Pendant les premières minutes de son nouveau film, Alejandro Gonzalez Inarritu semble convoquer Terrence Malick et Steven Spielberg à sa table. On croirait en effet son attaque d'un camp de trappeurs tout droit sortie du Nouveau Monde, et l'aspect viscéral d'une plage du débarquement. Sidérante, au plus près de l'action, crue, cette scène inaugurale inattendue colle le spectateur à son fauteuil. Pour mieux le fasciner ensuite. Car quand il reprend sa respiration, Inarritu le plonge au coeur d'un survival qui passe de manière habile du collectif à l'individuel, comme on retire la peau et la viande pour dégager l'os et le gratter.


The Revenant se resserre en effet assez vite sur son attraction principale : un Leonardo Di Caprio maltraité et en état de grâce. Mais sa performance serait vaine sans, en face de lui, un Tom Hardy moins monolithique qu'il n'y paraît dans son rôle de prédateur. Comme lors de l'attaque de l'ours qui lascère le corps de sa victime, il est ainsi installé comme un dominant par Inarritu, qui utilise d'ailleurs les mêmes angles de caméra pour le mettre en scène.


Glass, lui, régresse peu à peu à l'état animal, rampant et délaissant le langage. Il sera privé de tout ce qui fait de lui un homme. Il ne sera plus animé que par l'instinct. Et la volonté. Dans la vallée de l'ombre de la mort, là où les colons ont renoncé à l'humanité et où les indiens sont déjà instrumentalisés, pillés et empoisonnés par la civilisation. Alors que l'on parle beaucoup du Seigneur, la religion et ses valeurs sont elles aussi tombées sous les assauts de l'avidité et de la sauvagerie, comme en témoigne les décombres de cette église, ces images saintes démolies et outragées. Les ruines ne sont pas que dans le coeur.


The Revenant est finalement une histoire de régression. Glass ne revient pas du royaume des morts. Il revient à un état primal. Inaritu filme l'humanité de ses personnages qui se meurt comme il filme les horribles blessures qui s'infectent du corps mutilé et meurtri de Leonardo Di Caprio : sans concession et sans fard, la vengeance ou la fuite comme unique boussole. Tout cela sous les yeux d'une nature aussi belle qu'impassible, érigée comme l'unique témoin de l'action quand la caméra porte brusquement aux cieux ou qu'elle s'éloigne de l'action. Le réalisateur joue avec elle en alternant sa mise en scène avec un point de vue étranglé quand il suit Glass dans sa survie, au plus près de son protagoniste, réduisant le champ de vision du spectateur.
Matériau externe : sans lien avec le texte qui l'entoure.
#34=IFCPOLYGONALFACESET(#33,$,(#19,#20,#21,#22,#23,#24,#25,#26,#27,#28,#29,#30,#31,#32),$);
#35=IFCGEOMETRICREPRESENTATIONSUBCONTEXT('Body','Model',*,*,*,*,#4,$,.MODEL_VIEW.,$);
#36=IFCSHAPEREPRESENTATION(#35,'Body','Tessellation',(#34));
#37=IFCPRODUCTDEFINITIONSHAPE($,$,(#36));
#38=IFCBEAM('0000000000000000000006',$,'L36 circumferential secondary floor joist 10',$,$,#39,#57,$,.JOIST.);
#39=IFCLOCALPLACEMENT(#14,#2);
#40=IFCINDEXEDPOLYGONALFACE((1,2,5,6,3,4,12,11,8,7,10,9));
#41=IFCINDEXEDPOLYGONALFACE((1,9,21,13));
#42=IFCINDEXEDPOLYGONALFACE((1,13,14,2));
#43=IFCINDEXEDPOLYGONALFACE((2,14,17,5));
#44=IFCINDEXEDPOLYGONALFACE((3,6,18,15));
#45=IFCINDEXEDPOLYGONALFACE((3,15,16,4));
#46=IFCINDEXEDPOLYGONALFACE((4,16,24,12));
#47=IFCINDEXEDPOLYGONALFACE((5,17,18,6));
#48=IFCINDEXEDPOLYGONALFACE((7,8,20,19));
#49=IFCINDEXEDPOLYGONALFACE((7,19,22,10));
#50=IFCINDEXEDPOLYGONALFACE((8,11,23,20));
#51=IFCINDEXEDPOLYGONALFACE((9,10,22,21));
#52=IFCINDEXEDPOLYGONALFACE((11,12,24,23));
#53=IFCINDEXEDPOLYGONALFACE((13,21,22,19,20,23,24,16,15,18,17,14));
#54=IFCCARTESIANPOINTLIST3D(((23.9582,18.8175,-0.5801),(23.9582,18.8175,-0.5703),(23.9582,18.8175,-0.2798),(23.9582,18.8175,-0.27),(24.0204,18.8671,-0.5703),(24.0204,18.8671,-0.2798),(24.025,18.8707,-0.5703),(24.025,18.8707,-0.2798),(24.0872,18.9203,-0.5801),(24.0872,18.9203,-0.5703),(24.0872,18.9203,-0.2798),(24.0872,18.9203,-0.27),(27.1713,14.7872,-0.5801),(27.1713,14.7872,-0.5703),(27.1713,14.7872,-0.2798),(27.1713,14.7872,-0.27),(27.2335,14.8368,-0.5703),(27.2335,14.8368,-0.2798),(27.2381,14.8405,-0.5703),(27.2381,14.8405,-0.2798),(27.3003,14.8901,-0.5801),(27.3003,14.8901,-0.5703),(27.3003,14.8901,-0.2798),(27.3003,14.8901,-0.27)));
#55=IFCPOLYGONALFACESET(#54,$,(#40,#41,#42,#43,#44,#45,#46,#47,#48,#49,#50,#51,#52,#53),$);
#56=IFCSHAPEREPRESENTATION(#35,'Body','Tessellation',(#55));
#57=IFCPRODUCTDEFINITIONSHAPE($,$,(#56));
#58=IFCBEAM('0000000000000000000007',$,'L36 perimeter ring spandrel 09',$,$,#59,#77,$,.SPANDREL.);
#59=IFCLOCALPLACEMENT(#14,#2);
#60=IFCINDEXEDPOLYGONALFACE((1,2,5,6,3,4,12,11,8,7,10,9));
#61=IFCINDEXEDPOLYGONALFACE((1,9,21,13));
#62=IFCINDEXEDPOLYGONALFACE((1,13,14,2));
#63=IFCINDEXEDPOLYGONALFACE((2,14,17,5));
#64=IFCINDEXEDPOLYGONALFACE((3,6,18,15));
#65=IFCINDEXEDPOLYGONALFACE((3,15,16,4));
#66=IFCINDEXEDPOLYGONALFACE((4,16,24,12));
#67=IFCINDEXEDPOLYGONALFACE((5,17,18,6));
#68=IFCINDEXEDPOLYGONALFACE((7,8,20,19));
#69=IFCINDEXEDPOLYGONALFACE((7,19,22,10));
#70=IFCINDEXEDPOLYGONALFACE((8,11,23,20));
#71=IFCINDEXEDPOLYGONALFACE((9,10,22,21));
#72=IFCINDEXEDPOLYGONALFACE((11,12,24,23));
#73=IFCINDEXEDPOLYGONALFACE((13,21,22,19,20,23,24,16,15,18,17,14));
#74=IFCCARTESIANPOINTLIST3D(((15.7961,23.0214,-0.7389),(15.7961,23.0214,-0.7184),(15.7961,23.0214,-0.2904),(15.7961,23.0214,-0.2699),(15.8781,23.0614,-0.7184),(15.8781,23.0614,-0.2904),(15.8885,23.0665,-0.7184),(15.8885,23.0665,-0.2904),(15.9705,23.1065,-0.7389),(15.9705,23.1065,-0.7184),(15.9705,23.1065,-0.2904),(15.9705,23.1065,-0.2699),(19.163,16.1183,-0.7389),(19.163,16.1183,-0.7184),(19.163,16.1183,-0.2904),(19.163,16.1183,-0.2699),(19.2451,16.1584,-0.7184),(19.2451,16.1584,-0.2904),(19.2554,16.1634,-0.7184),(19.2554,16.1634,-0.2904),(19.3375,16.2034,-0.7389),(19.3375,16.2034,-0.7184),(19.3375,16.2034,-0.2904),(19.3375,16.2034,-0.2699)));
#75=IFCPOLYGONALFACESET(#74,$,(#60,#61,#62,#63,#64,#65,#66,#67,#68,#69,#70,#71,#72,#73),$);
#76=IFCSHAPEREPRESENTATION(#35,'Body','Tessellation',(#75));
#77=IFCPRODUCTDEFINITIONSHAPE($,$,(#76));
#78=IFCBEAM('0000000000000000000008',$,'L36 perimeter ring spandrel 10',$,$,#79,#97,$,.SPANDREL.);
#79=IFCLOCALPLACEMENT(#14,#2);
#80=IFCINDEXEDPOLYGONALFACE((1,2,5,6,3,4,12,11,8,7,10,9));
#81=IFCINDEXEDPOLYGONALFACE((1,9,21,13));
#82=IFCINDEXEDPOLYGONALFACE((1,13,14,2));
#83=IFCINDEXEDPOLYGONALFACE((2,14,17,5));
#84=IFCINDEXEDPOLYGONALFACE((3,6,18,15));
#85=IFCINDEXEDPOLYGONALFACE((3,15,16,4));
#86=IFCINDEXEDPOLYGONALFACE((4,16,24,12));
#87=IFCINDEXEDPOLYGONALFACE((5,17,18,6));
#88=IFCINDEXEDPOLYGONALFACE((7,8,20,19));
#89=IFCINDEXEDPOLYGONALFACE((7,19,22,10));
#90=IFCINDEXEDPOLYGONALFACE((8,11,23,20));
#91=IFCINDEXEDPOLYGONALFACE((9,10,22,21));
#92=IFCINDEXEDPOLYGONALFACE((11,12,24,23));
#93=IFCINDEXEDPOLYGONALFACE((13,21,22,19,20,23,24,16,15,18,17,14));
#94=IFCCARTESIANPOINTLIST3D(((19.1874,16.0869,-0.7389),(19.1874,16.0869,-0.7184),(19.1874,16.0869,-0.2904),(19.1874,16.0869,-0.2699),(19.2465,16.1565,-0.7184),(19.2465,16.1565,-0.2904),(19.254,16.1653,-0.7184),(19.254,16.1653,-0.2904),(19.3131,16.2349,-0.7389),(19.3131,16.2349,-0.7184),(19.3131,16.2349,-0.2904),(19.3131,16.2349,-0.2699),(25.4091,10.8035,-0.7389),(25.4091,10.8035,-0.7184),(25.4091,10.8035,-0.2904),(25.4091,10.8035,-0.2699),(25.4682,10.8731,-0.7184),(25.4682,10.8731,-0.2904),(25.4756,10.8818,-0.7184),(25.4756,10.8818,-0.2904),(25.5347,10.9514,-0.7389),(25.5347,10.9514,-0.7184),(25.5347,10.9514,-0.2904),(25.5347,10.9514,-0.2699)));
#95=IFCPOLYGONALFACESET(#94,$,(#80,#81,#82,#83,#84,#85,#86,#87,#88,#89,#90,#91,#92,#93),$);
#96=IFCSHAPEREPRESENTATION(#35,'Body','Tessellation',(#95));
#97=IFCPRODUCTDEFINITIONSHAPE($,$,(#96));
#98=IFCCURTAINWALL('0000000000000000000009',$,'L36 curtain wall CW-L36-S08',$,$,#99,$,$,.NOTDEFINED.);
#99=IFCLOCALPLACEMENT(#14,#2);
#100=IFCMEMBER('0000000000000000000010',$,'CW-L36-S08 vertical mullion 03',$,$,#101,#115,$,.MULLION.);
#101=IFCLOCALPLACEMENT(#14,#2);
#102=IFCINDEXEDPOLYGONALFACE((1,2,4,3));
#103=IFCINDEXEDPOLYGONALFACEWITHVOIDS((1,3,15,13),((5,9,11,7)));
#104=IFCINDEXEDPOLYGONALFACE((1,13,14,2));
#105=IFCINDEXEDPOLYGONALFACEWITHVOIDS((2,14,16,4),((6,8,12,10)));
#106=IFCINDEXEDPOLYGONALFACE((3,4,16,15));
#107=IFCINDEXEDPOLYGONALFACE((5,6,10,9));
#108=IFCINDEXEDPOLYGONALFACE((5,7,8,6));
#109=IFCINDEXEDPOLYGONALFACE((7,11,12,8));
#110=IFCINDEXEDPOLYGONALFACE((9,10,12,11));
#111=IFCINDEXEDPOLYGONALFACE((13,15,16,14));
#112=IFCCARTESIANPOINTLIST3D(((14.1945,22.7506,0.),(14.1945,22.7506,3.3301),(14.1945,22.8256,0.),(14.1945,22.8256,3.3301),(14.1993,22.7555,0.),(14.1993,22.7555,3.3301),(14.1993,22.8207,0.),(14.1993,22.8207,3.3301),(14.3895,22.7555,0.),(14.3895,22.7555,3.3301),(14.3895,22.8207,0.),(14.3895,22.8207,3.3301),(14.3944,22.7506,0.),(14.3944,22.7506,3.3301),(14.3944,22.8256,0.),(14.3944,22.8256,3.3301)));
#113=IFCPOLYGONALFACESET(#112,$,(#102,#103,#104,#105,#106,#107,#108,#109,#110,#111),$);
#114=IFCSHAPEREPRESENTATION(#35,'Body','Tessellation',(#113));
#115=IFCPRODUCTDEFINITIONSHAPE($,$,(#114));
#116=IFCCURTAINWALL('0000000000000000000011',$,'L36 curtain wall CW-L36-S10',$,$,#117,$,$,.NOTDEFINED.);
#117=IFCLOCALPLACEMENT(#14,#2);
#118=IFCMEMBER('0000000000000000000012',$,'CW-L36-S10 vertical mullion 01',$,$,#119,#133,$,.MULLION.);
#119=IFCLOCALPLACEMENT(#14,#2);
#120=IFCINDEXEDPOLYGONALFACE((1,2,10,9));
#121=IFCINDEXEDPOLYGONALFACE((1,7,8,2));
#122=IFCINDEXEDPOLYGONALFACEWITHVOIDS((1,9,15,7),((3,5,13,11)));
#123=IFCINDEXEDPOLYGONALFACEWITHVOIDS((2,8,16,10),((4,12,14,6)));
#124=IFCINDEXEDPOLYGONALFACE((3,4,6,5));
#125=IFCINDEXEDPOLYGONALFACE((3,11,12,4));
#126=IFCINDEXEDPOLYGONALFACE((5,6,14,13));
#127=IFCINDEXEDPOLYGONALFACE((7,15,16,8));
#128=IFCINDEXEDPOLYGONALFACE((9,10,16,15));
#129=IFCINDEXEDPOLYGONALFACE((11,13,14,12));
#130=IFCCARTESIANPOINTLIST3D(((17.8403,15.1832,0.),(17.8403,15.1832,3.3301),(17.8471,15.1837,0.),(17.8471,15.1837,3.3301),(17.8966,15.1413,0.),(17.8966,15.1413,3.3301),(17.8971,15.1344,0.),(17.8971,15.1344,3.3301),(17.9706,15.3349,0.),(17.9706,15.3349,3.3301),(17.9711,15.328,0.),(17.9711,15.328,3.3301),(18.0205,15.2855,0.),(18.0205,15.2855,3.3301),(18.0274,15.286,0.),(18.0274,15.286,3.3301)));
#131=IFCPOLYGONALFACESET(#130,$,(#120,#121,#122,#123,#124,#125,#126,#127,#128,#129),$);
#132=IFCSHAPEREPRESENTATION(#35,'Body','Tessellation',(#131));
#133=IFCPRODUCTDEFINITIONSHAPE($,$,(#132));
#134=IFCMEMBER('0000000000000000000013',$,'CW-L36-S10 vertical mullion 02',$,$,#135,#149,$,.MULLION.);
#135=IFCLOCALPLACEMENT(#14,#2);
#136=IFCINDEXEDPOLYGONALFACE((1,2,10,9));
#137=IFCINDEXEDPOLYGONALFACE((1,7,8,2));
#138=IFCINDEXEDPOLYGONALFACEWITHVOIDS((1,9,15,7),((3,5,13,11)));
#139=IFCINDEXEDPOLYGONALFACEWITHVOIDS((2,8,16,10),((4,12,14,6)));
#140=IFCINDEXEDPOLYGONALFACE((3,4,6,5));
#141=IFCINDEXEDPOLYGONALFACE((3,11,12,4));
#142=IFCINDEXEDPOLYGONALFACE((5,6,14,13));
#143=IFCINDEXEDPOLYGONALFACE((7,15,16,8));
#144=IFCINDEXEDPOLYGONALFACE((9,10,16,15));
La Nature devient dès lors aussi magnifique que macabre. La photographie d''Emmanuel Lubezki lui écrit un véritable poème épique. D'abord boueuse, aqueuse puis virginale, c'est elle, finalement, le personnage principal de The Revenant. Elle qui voit tout, qui entend tout, qui prend tout autant qu'elle donne. En témoigne cette carcasse de laquelle sort un Glass nu, image marquante dans un film qui les collectionne, seconde naissance du personnage après celle où il sort de la tombe dans laquelle Fitzgerald l'a précipité. La semence du duel final mise en terre, The Revenant s'applique, pendant deux heures trente, à secouer son spectateur, à l'hypnotiser dans une odyssée sensorielle tout aussi hallucinée que viscérale, entre beauté, violence et sauvagerie.


Behind_the_Mask, qui entend les flèches siffler.